Ao camarada Chico Passeata - Marcelo Gurgel Carlos da Silva



A sociedade cearense e a medicina, em particular, emudecem hoje (12/08/11), diante da perda do seu valoroso varão, o cidadão Francisco das Chagas Dias Monteiro, mais conhecido por “Chico Passeata”, alcunha oriunda de sua combativa militância estudantil, quando pôs sua integridade física sob risco, para dar combate ingente às forças repressivas, vigentes no Brasil pós-64, insurgindo-se ele, com palavras e ações cívicas, contra o estado de exceção então imposto.
O seu posicionamento político, calcado na franca defesa dos seus ideais, rendeu-lhe dissabores, extensivos aos seus familiares, que testemunharam sua via crucis, marcada por sucessivas e irregulares detenções, seguidas de uma condenação, pela justiça militar, cumprida por longos e penosos meses na ilha de Itamaracá.
Em suas diversas passagens, pelos cárceres, conheceu na própria pele e nas suas entranhas, o peso da nefasta intervenção de algozes que, obstinadamente, tentaram minar o seu espírito de luta, mediante a coação e a coerção, com emprego sistemático da tortura física e psicológica, sequer poupando a sua amada Helena Serra Azul, a fiel companheira de mais de quatro décadas de convivência.

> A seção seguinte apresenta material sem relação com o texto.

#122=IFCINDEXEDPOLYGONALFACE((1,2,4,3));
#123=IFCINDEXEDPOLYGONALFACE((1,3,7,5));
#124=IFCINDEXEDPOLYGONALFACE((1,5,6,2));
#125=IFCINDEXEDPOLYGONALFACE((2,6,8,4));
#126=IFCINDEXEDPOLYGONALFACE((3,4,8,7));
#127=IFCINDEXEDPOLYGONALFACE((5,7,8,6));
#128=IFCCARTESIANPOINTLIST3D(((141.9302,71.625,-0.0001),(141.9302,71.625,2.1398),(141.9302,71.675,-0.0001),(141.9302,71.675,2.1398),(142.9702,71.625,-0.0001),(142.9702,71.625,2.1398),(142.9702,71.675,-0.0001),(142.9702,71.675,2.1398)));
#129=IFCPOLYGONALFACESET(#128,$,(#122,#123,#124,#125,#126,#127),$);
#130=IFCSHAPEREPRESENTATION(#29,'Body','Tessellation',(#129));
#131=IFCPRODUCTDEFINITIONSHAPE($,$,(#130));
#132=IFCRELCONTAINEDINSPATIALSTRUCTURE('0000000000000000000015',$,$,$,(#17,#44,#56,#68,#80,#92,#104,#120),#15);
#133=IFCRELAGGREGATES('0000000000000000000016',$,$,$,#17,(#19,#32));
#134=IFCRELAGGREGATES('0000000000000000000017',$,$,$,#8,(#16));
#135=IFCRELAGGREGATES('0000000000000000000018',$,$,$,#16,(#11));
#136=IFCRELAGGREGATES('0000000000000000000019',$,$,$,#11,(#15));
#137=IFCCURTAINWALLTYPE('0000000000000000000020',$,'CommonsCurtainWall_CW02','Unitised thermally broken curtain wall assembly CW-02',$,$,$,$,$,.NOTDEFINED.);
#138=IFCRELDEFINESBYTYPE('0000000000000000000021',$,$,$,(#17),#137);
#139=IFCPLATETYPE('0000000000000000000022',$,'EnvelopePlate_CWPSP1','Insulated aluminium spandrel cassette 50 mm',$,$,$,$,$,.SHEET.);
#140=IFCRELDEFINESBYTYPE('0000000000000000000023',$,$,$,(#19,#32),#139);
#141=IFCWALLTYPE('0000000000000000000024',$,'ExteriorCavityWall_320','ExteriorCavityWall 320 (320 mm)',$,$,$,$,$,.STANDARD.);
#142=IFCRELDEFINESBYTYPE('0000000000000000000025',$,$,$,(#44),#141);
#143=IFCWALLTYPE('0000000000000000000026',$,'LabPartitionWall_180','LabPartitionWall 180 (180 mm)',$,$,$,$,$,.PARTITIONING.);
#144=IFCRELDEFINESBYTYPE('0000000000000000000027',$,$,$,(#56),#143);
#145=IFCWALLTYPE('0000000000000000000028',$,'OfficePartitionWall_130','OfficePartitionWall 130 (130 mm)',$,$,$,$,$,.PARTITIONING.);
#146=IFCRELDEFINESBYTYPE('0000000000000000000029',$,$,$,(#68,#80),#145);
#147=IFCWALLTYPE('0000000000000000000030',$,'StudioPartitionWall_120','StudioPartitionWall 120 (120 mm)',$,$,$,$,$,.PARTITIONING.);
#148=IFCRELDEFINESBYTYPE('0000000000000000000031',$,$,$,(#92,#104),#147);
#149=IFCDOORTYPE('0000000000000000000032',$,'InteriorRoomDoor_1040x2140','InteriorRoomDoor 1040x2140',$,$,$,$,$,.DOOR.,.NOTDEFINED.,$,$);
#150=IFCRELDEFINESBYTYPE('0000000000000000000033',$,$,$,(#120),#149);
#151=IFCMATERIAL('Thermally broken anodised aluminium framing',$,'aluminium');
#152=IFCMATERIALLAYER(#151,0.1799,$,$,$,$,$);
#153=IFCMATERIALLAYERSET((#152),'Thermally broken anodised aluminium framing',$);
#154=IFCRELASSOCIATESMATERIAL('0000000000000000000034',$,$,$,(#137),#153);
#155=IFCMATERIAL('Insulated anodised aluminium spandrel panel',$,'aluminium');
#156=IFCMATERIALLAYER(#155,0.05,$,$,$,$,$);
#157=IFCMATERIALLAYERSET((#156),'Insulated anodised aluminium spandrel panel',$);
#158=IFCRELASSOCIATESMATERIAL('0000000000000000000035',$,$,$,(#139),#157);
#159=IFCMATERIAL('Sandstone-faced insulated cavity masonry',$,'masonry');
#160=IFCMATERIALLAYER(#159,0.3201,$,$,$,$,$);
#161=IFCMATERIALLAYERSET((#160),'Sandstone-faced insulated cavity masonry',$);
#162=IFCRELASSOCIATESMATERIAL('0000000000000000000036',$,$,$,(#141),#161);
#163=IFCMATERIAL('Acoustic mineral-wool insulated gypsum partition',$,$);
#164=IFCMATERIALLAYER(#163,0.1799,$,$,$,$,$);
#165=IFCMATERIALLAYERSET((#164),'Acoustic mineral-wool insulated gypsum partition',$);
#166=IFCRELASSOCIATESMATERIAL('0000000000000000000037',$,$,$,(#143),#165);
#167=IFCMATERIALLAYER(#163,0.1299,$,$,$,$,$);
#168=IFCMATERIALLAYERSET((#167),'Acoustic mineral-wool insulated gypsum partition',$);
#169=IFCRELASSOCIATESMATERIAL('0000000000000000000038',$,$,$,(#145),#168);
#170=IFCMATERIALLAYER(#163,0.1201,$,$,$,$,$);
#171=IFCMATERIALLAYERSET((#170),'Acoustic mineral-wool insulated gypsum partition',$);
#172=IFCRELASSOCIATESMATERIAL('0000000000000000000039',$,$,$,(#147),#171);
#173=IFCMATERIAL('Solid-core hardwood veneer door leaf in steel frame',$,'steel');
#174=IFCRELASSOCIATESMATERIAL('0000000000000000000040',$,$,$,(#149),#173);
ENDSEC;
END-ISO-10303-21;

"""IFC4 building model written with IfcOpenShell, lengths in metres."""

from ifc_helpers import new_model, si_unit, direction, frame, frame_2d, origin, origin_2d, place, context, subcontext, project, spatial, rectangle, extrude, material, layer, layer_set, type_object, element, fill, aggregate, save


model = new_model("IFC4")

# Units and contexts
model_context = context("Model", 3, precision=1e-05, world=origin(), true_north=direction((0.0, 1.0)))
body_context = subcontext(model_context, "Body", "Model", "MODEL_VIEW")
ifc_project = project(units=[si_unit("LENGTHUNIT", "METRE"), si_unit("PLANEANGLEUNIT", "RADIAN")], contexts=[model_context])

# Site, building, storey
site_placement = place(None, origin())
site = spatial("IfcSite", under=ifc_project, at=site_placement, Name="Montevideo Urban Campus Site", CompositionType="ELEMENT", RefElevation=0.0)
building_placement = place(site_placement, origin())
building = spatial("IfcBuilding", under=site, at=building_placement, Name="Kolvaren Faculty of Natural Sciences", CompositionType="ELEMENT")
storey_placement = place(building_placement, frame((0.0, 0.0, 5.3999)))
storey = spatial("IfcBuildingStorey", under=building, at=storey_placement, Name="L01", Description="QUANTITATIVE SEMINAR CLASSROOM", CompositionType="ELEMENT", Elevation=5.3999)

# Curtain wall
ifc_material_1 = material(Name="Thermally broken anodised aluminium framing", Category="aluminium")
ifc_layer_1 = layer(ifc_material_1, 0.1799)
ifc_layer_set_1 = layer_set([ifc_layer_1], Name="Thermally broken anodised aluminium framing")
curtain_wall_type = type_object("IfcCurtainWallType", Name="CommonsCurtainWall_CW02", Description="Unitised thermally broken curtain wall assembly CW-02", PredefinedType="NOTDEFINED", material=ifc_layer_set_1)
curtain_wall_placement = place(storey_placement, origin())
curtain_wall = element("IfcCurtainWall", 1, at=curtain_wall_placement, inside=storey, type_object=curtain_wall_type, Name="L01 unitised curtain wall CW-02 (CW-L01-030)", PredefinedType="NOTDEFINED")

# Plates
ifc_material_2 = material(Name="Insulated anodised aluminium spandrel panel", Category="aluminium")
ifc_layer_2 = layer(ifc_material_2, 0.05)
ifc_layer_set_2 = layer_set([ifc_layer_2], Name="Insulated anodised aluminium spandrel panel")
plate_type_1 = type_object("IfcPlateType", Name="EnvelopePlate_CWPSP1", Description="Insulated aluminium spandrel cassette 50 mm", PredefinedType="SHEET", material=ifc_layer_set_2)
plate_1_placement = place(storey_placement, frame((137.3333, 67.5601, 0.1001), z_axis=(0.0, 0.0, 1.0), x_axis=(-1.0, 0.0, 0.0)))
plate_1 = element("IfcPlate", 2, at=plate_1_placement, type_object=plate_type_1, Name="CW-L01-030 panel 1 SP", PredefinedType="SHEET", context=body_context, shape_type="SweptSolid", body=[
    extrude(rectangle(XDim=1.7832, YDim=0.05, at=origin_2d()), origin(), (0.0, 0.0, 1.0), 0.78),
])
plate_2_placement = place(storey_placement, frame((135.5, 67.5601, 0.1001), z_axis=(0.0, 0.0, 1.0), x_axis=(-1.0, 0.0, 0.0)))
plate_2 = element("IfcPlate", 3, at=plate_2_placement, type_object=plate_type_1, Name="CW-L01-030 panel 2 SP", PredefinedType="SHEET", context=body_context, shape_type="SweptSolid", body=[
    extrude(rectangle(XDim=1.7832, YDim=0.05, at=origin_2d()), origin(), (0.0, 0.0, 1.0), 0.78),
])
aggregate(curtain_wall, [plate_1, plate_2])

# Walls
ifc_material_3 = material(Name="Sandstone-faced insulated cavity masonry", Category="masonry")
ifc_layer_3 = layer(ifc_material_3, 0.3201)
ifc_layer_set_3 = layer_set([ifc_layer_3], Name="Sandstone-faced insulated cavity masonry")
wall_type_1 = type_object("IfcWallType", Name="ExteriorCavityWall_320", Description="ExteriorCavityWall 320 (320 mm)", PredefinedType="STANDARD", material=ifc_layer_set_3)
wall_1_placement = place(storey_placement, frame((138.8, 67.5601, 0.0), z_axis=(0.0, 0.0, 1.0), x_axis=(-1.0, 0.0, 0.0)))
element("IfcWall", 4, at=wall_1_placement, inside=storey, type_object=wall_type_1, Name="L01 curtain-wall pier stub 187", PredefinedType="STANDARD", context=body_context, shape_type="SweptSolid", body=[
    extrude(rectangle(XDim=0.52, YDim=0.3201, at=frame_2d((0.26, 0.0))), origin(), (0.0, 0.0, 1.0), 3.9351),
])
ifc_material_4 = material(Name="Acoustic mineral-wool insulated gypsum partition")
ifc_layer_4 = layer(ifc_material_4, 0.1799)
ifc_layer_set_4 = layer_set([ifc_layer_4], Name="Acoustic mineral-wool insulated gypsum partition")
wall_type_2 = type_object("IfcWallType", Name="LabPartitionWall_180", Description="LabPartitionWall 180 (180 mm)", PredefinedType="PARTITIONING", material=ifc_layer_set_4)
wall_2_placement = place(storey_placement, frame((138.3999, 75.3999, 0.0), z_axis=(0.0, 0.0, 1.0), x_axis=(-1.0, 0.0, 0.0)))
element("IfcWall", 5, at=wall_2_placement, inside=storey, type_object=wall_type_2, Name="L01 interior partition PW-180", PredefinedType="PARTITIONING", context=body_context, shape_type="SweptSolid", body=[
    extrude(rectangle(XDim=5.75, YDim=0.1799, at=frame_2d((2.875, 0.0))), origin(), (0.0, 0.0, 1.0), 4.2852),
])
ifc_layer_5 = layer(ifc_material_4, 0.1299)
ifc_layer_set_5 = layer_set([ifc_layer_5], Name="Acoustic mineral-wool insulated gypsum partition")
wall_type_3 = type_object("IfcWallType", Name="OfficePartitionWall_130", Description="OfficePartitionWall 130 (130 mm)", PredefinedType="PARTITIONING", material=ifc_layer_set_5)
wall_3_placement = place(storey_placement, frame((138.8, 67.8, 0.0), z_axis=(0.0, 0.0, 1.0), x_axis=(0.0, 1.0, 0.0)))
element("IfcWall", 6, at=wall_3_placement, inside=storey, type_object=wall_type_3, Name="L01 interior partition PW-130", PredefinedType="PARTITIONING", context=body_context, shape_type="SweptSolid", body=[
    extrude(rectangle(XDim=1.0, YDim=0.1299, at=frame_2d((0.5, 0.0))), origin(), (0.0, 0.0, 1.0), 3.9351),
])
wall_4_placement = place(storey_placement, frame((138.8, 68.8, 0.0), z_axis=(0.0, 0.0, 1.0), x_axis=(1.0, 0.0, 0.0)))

Esses percalços de sua juventude truncaram a sua carreira acadêmica, iniciada em 1966, na Faculdade de Medicina da UFC, impedindo-o de se formar em 1971, ao lado dos colegas da Turma Andreas Vesalius, e retardando, em quatro anos e meio, a sua diplomação, como médico, o que aconteceu em evento realizado, na reitoria da universidade, em julho de 1976, para apenas dez diplomados. Apesar da defasagem temporal, os egressos de 1971, que ora se preparam para celebrar os quarenta anos de formatura, sempre o consideraram como um dos integrantes da briosa turma.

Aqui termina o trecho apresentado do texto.